“we are facing a likely Monetary “Velocity-Armageddon” Spike.”…( A Must Read )

Wednesday, September 1, 2010
By Paul Martin

Velocity – Armageddon Antidotes

by Deepcaster
FinancialSense.com
Wed, 1 Sep 2010

“The crucial passage comes in Chapter 17 entitled “Velocity”. Each big inflation — whether the early 1920s in Germany, or the Korean and Vietnam wars in the US — starts with a passive expansion of the quantity of money. This sits inert for a surprisingly long time. Asset prices may go up, but latent price inflation is disguised. The effect is much like lighter fuel on a camp fire before the match is struck.
People’s willingness to hold money can change suddenly for a “psychological and spontaneous reason”, causing a spike in the velocity of money. It can occur at lightning speed, over a few weeks…
“Velocity took an almost right-angle turn upward in the summer of 1922,” said Mr.
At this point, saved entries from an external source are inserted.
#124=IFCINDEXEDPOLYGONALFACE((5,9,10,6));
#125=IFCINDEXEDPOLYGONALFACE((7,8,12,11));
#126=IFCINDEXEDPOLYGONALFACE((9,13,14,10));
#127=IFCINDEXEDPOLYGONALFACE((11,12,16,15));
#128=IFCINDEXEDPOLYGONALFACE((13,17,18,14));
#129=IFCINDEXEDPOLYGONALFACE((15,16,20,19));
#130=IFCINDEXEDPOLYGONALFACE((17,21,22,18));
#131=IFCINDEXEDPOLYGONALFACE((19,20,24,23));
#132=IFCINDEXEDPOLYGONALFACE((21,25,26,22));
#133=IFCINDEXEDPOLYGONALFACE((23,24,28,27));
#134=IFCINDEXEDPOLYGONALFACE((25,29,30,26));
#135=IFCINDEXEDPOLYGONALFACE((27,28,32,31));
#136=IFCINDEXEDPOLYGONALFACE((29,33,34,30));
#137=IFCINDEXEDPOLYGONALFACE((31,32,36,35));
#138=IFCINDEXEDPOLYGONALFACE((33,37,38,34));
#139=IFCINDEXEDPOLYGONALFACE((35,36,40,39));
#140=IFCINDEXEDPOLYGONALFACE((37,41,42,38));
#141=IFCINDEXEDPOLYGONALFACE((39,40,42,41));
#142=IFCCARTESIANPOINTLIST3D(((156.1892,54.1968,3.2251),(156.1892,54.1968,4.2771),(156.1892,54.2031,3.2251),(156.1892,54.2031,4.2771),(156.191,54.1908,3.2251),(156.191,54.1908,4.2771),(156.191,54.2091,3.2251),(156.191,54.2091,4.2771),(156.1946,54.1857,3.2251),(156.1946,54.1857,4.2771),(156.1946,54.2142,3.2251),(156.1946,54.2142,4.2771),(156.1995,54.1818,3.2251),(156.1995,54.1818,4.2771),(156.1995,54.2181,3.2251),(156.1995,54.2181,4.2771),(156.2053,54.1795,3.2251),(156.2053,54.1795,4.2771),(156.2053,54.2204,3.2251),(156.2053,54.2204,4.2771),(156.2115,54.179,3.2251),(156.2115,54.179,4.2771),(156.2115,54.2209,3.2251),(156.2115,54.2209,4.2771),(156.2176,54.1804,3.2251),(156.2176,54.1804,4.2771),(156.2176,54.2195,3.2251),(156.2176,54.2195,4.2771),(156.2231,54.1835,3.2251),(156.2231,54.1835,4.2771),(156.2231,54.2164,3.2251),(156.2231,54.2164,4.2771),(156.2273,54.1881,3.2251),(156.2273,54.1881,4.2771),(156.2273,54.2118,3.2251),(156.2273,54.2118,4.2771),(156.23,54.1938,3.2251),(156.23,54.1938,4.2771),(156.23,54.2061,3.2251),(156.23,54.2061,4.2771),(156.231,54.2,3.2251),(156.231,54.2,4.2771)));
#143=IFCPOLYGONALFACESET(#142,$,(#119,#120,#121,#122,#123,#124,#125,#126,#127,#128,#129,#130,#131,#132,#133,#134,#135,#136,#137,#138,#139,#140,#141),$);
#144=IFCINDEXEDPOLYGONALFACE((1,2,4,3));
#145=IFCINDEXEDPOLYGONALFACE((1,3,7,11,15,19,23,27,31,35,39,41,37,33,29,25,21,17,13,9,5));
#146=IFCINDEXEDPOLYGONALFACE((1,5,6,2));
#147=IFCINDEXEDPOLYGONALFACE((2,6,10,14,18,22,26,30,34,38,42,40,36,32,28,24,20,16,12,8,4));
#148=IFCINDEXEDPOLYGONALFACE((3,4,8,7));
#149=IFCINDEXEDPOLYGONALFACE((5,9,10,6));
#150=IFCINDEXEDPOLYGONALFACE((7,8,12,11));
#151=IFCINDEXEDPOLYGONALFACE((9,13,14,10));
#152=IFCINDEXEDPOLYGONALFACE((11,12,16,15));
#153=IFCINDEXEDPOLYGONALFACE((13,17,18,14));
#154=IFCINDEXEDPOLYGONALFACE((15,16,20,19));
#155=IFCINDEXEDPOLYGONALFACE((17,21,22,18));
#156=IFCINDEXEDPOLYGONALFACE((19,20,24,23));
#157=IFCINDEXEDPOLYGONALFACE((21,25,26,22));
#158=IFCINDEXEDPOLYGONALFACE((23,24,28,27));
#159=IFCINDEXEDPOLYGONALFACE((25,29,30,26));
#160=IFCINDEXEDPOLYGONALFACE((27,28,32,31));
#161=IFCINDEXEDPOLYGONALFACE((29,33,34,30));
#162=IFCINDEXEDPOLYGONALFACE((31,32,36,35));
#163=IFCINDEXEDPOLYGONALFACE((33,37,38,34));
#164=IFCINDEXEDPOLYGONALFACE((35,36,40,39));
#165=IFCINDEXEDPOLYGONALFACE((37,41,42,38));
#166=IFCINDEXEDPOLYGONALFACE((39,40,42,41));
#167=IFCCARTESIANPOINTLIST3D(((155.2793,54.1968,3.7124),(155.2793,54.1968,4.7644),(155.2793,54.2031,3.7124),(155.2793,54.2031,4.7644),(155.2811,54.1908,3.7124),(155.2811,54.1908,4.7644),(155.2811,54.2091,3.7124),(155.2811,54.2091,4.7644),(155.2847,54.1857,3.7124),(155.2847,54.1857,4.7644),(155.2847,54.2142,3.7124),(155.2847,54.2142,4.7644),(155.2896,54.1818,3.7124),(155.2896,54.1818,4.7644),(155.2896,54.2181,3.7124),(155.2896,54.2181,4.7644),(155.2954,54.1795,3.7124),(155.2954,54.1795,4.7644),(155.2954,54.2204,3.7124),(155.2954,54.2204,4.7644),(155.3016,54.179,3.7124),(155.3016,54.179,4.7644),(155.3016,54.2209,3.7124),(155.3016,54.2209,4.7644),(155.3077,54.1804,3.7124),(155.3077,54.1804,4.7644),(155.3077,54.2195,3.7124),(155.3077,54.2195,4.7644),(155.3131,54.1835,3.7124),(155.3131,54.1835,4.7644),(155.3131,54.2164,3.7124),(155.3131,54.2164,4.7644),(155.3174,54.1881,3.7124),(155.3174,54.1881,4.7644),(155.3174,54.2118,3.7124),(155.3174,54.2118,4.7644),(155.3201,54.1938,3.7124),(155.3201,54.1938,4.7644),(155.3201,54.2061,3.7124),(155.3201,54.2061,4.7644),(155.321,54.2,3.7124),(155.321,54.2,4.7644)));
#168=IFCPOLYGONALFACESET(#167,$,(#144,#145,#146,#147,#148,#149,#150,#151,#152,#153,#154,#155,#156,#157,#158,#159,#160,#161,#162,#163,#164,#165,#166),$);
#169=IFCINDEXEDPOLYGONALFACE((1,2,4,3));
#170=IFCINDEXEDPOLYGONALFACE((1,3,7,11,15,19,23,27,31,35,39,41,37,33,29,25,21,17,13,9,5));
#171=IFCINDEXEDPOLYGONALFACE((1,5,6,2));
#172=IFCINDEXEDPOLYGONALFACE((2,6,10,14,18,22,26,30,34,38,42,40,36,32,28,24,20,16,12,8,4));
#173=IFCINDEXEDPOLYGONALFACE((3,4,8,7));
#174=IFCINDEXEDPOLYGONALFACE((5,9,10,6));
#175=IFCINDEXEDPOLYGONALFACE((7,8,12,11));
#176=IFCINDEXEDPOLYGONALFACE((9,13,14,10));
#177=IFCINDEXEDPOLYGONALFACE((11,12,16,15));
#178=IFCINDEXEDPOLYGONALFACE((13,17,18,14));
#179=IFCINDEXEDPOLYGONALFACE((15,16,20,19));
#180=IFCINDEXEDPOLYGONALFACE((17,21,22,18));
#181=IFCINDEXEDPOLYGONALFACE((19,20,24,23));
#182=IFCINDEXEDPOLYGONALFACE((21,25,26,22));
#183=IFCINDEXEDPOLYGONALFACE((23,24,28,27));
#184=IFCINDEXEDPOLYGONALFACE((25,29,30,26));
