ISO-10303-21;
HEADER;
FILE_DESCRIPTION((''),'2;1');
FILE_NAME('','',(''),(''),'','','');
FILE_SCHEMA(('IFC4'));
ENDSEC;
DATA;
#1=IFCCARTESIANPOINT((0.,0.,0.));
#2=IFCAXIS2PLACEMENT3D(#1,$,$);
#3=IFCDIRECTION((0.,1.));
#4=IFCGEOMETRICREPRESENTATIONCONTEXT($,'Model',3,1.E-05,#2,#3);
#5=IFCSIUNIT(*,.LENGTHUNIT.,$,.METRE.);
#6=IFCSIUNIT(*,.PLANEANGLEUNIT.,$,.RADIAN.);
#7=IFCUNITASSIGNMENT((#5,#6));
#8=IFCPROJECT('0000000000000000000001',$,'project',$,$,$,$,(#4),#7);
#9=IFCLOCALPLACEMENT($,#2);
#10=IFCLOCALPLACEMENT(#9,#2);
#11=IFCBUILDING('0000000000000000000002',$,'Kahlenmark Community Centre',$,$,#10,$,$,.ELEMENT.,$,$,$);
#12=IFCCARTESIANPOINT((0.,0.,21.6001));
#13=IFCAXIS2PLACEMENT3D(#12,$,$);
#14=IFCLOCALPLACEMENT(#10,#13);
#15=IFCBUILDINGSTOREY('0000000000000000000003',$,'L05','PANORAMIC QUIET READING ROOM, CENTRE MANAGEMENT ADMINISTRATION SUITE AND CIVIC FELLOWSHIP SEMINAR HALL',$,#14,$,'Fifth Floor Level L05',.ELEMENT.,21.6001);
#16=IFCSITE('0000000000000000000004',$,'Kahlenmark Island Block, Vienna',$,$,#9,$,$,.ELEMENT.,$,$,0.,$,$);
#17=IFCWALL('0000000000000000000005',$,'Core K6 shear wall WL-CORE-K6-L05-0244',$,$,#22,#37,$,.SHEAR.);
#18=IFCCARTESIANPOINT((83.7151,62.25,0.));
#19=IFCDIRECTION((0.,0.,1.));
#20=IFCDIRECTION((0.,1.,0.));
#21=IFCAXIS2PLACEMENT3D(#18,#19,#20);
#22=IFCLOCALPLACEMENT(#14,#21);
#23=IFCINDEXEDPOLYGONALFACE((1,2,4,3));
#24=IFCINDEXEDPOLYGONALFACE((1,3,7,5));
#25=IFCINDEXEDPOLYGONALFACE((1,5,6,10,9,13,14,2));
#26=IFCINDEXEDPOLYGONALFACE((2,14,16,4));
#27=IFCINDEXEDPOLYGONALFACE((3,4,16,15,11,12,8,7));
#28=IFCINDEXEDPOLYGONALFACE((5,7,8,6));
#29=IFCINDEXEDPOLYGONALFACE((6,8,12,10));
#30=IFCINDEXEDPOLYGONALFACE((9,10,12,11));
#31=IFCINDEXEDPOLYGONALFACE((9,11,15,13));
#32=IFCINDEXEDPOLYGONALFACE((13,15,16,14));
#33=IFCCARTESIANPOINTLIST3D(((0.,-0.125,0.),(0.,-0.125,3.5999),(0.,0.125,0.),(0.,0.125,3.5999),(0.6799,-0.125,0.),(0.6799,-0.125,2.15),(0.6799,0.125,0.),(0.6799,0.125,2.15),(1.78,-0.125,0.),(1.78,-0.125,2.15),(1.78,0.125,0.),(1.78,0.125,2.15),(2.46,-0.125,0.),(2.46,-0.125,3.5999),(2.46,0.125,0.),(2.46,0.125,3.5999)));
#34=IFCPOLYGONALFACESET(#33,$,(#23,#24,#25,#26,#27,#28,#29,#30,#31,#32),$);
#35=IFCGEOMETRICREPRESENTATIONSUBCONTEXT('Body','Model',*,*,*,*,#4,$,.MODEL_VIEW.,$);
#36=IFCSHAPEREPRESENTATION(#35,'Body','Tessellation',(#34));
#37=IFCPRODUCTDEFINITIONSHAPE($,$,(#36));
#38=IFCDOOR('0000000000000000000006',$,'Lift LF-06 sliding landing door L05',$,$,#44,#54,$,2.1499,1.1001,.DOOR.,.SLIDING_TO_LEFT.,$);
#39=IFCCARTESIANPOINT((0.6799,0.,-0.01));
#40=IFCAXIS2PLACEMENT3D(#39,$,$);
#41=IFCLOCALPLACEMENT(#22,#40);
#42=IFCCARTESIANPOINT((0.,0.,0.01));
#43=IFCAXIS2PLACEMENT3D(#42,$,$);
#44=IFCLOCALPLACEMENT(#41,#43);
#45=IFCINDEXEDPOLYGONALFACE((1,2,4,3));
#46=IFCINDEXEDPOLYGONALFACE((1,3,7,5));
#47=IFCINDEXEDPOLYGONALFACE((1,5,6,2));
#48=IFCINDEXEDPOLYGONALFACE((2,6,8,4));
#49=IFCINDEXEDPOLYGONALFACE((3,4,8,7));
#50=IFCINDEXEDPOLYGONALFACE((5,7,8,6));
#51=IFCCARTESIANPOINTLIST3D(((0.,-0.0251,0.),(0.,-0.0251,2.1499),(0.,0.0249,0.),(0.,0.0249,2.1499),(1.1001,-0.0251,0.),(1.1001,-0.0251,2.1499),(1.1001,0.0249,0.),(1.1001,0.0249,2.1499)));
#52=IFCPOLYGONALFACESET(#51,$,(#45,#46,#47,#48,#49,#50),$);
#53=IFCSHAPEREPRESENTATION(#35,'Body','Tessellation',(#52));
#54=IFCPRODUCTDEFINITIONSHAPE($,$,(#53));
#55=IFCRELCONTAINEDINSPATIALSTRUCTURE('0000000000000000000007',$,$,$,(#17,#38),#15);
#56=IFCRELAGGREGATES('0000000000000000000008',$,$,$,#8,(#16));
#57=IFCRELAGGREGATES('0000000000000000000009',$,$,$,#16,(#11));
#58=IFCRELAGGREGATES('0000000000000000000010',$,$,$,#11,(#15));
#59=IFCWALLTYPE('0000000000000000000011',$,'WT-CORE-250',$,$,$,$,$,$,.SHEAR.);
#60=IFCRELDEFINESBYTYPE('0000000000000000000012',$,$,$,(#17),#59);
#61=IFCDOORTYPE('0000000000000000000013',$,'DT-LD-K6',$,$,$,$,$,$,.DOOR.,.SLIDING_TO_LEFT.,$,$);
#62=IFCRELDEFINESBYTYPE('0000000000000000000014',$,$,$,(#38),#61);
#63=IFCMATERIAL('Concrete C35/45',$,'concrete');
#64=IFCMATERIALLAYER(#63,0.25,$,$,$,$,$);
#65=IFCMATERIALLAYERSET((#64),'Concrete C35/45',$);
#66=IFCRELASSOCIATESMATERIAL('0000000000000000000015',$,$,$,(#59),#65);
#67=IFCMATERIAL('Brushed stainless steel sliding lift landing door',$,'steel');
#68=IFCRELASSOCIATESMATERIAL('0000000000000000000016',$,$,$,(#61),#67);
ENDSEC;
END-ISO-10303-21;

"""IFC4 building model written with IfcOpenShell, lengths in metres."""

from ifc_helpers import new_model, si_unit, direction, frame, frame_2d, origin, place, context, subcontext, project, spatial, rectangle, extrude, material, layer, layer_set, type_object, element, fill, save


model = new_model("IFC4")

# Units and contexts
model_context = context("Model", 3, precision=1e-05, world=origin(), true_north=direction((0.0, 1.0)))
body_context = subcontext(model_context, "Body", "Model", "MODEL_VIEW")
ifc_project = project(units=[si_unit("LENGTHUNIT", "METRE"), si_unit("PLANEANGLEUNIT", "RADIAN")], contexts=[model_context])

# Site, building, storey
site_placement = place(None, origin())
site = spatial("IfcSite", under=ifc_project, at=site_placement, Name="Kahlenmark Island Block, Vienna", CompositionType="ELEMENT", RefElevation=0.0)
building_placement = place(site_placement, origin())
building = spatial("IfcBuilding", under=site, at=building_placement, Name="Kahlenmark Community Centre", CompositionType="ELEMENT")
storey_placement = place(building_placement, frame((0.0, 0.0, 21.6001)))
storey = spatial("IfcBuildingStorey", under=building, at=storey_placement, Name="L05", Description="PANORAMIC QUIET READING ROOM, CENTRE MANAGEMENT ADMINISTRATION SUITE AND CIVIC FELLOWSHIP SEMINAR HALL", LongName="Fifth Floor Level L05", CompositionType="ELEMENT", Elevation=21.6001)

# Shared definitions
ifc_material_1 = material(Name="Concrete C35/45", Category="concrete")
ifc_layer_1 = layer(ifc_material_1, 0.25)
ifc_layer_set_1 = layer_set([ifc_layer_1], Name="Concrete C35/45")
wall_type_1 = type_object("IfcWallType", Name="WT-CORE-250", PredefinedType="SHEAR", material=ifc_layer_set_1)

# Wall, opening, door
wall_1_placement = place(storey_placement, frame((83.7151, 62.25, 0.0), z_axis=(0.0, 0.0, 1.0), x_axis=(0.0, 1.0, 0.0)))
wall_1 = element("IfcWall", 1, at=wall_1_placement, inside=storey, type_object=wall_type_1, Name="Core K6 shear wall WL-CORE-K6-L05-0244", PredefinedType="SHEAR", context=body_context, shape_type="SweptSolid", body=[
    extrude(rectangle(XDim=2.46, YDim=0.25, at=frame_2d((1.23, 0.0))), origin(), (0.0, 0.0, 1.0), 3.5999),
])
opening_1_placement = place(wall_1_placement, frame((0.6799, 0.0, -0.01)))
opening_1 = element("IfcOpeningElement", 2, at=opening_1_placement, cuts=wall_1, PredefinedType="OPENING", context=body_context, shape_type="SweptSolid", body=[
    extrude(rectangle(XDim=1.1001, YDim=2.1599, at=frame_2d((0.55, 1.0801))), frame((0.0, 0.135, 0.0), z_axis=(0.0, -1.0, 0.0), x_axis=(1.0, 0.0, 0.0)), (0.0, 0.0, 1.0), 0.27),
])
ifc_material_2 = material(Name="Brushed stainless steel sliding lift landing door", Category="steel")
door_type = type_object("IfcDoorType", Name="DT-LD-K6", OperationType="SLIDING_TO_LEFT", PredefinedType="DOOR", material=ifc_material_2)
door_placement = place(opening_1_placement, frame((0.0, 0.0, 0.01)))
door = element("IfcDoor", 3, at=door_placement, inside=storey, type_object=door_type, Name="Lift LF-06 sliding landing door L05", OperationType="SLIDING_TO_LEFT", OverallHeight=2.1499, OverallWidth=1.1001, PredefinedType="DOOR", context=body_context, shape_type="SweptSolid", body=[
    extrude(rectangle(XDim=1.1001, YDim=2.1499, at=frame_2d((0.55, 1.075))), frame((0.0, 0.0249, 0.0), z_axis=(0.0, -1.0, 0.0), x_axis=(1.0, 0.0, 0.0)), (0.0, 0.0, 1.0), 0.05),
])
fill(opening_1, door)

save(model, "model.ifc")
O Parsson. Reichsbank officials were baffled. They could not fathom why the German people had started to behave differently almost two years after the bank had already boosted the money supply. He contends that public patience snapped abruptly once people lost trust and began to “smell a government rat”.
Some might smile at the Bank of England “surprise” at the recent the jump in British inflation. Across the Atlantic, Fed critics say the rise in the US monetary base from $871bn to $2,024bn in just two years is an incendiary pyre that will ignite as soon as US money velocity returns to normal.